Talking about the markets, any and all industries have had to change their strategies in ways no one could have imagined. This change affected the ad and marketing agencies as well. The bitter fruit of reduced revenues were dooming the markets and many have even had to shut shop. But with careful revisitation to the drawing board, bundled with a cup of double-shot caffeine and a fresh new board-marker, major agencies went into big brain time to find solutions. Most agencies like McCann World group saw the shift in focus from offline to online media. When we say online, IT is the obvious coherence to the medium and it consequently saw the biggest boom in profits. According to a report published by TAM AdEx, an advertising monitoring and data powerhouse, there was a rise in ad spend through TV media, although marginal, in 2020. In fact, DDB Mudra Group’s Executive Director, Sathyamurthy Namakkal, insists that television media advertising will see a 20% to 25% increase in volumes in 2021. The same report also encapsulated information showing a rise in print media advertising in India by 90% in quarter 4 of 2020 as compared to quarter 1 to 3.

So what are we trying to say through this information? 

The data suggests that both online and offline media has seen a boost in revenue (although not in equal amounts). Unlike what was previously estimated, this report indicates that there is a boost in offline media as well and the offline media advertising industry is looking to bear fruit in the coming year. But the reality is, with the trend naturally shifting towards the online media consumption market, it is more convenient to reach the masses through these online media sources. There are a lot of industries trying to leverage their position in the market no matter how adversely they have been affected by the pandemic. But the twist in this is that the most affected industries will sweat harder to advertise their product / service. In conjunction with this, there are a lot of sporting events like the IPL and an expectation of the Olympics to happen. Hence, the sporting genre is anticipated “to be a sport” for ad agencies (this could mean in the sense of competition as well). 

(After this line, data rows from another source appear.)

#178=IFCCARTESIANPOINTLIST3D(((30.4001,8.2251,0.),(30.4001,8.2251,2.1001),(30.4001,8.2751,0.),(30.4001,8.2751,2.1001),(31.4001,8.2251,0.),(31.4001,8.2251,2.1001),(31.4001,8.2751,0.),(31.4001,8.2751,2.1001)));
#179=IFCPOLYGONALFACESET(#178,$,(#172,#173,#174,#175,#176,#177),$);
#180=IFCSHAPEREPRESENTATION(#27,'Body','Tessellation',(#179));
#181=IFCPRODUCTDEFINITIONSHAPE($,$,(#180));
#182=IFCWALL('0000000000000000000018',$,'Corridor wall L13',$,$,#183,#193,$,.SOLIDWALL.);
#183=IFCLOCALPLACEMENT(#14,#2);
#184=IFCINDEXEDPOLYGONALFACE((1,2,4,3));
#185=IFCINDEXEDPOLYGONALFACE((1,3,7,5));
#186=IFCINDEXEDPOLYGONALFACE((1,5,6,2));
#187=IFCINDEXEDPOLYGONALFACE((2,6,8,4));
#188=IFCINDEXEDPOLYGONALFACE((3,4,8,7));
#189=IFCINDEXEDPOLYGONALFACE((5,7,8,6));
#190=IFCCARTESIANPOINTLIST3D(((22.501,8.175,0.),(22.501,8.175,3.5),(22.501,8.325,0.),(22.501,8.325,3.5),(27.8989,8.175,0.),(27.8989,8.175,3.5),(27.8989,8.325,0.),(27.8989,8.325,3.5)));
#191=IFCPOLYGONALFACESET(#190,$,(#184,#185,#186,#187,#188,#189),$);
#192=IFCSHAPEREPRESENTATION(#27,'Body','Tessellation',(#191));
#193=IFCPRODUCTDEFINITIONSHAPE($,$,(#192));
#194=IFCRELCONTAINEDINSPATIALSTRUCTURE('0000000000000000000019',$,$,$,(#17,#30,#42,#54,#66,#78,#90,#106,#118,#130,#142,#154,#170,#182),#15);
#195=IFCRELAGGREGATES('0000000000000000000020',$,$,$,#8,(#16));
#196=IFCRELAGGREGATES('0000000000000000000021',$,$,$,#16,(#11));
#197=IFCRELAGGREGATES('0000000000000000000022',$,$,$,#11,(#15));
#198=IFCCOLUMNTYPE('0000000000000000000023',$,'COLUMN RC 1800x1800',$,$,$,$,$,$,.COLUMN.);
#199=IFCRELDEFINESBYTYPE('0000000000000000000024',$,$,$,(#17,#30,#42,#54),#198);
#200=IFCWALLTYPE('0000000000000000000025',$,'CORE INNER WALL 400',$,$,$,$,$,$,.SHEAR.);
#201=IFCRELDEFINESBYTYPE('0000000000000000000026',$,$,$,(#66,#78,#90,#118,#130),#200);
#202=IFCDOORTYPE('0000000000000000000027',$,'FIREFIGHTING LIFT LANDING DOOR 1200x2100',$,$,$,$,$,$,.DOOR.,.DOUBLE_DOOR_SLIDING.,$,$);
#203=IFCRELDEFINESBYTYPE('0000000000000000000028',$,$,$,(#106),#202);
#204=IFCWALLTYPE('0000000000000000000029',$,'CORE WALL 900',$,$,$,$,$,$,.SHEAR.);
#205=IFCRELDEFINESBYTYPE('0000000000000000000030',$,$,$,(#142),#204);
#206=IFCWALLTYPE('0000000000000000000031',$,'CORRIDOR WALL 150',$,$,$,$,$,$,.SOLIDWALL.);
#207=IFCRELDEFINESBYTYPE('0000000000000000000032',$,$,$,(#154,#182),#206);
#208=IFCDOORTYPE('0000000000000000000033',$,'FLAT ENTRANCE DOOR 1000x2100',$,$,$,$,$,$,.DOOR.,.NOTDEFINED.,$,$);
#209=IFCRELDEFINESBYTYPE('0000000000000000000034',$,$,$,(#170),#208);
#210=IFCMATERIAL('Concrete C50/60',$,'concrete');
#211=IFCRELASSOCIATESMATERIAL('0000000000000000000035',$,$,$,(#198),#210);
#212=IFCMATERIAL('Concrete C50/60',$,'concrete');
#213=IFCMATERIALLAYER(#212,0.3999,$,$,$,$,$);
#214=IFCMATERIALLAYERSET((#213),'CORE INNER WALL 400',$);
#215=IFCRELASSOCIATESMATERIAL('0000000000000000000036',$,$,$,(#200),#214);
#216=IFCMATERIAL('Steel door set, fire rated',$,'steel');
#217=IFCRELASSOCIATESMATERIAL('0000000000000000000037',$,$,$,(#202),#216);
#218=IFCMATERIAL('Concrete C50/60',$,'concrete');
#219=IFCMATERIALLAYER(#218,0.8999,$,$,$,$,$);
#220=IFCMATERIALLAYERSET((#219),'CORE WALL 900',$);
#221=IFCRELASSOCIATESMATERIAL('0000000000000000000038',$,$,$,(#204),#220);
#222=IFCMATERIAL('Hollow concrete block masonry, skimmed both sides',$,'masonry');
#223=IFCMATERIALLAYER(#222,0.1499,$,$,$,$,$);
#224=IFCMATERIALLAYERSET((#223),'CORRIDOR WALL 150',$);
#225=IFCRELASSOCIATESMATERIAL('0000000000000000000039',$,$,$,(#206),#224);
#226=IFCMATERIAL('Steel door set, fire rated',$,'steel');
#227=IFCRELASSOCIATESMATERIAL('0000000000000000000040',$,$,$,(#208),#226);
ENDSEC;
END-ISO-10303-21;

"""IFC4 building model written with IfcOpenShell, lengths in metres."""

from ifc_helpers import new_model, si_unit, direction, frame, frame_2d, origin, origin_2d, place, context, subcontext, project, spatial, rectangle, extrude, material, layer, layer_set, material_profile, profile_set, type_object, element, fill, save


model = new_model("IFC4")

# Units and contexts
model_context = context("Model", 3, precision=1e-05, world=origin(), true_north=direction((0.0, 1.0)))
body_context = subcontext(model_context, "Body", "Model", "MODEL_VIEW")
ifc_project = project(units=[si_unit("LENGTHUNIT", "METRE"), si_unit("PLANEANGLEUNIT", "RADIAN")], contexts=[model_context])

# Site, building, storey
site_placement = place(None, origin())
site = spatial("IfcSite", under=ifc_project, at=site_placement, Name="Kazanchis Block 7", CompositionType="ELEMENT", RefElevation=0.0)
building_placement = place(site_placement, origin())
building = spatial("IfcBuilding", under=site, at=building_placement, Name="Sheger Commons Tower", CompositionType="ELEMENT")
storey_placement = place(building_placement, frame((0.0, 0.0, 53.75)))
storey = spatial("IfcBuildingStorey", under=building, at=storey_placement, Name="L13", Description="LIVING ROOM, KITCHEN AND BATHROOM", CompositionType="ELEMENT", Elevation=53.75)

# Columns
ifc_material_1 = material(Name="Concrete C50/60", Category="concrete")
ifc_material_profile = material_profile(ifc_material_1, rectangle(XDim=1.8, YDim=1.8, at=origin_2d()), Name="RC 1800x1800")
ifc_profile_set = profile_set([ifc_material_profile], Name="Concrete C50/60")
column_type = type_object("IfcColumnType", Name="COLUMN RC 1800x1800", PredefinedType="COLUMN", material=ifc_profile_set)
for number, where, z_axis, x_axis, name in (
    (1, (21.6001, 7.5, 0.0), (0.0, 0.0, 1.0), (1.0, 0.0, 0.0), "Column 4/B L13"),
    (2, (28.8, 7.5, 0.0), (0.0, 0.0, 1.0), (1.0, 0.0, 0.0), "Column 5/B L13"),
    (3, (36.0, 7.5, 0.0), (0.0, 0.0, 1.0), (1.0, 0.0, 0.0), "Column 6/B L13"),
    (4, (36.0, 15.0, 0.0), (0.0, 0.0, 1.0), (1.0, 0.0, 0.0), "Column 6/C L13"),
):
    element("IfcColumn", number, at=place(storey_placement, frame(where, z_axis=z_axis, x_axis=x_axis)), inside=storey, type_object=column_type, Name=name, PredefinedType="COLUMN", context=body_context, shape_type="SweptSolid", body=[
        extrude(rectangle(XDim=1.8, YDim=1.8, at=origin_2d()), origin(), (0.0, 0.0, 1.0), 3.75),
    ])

Smaller ad agencies might even look to scoop up contracts from companies such as Hindustan Unilever and Reckitt Benckiser who are the top performing companies in the ad spend space. Many companies are even adopting Artificial Intelligence into their functions, to deliver better form to their services. For example, MasterCard has already induced AI into their Facebook replies, which uses natural language processing that deciphers what the customer requires and responds as if it were a real person. This helps them automate payments. The truth of the matter is that a business development approach for one company may not work for another company. The markets are seeing a new dawn but the best advice would be to consider all data (refer here for the reports) with a pinch of salt and measure your own metrics, being Qrious (as we like to call it!) from within, to get the best results!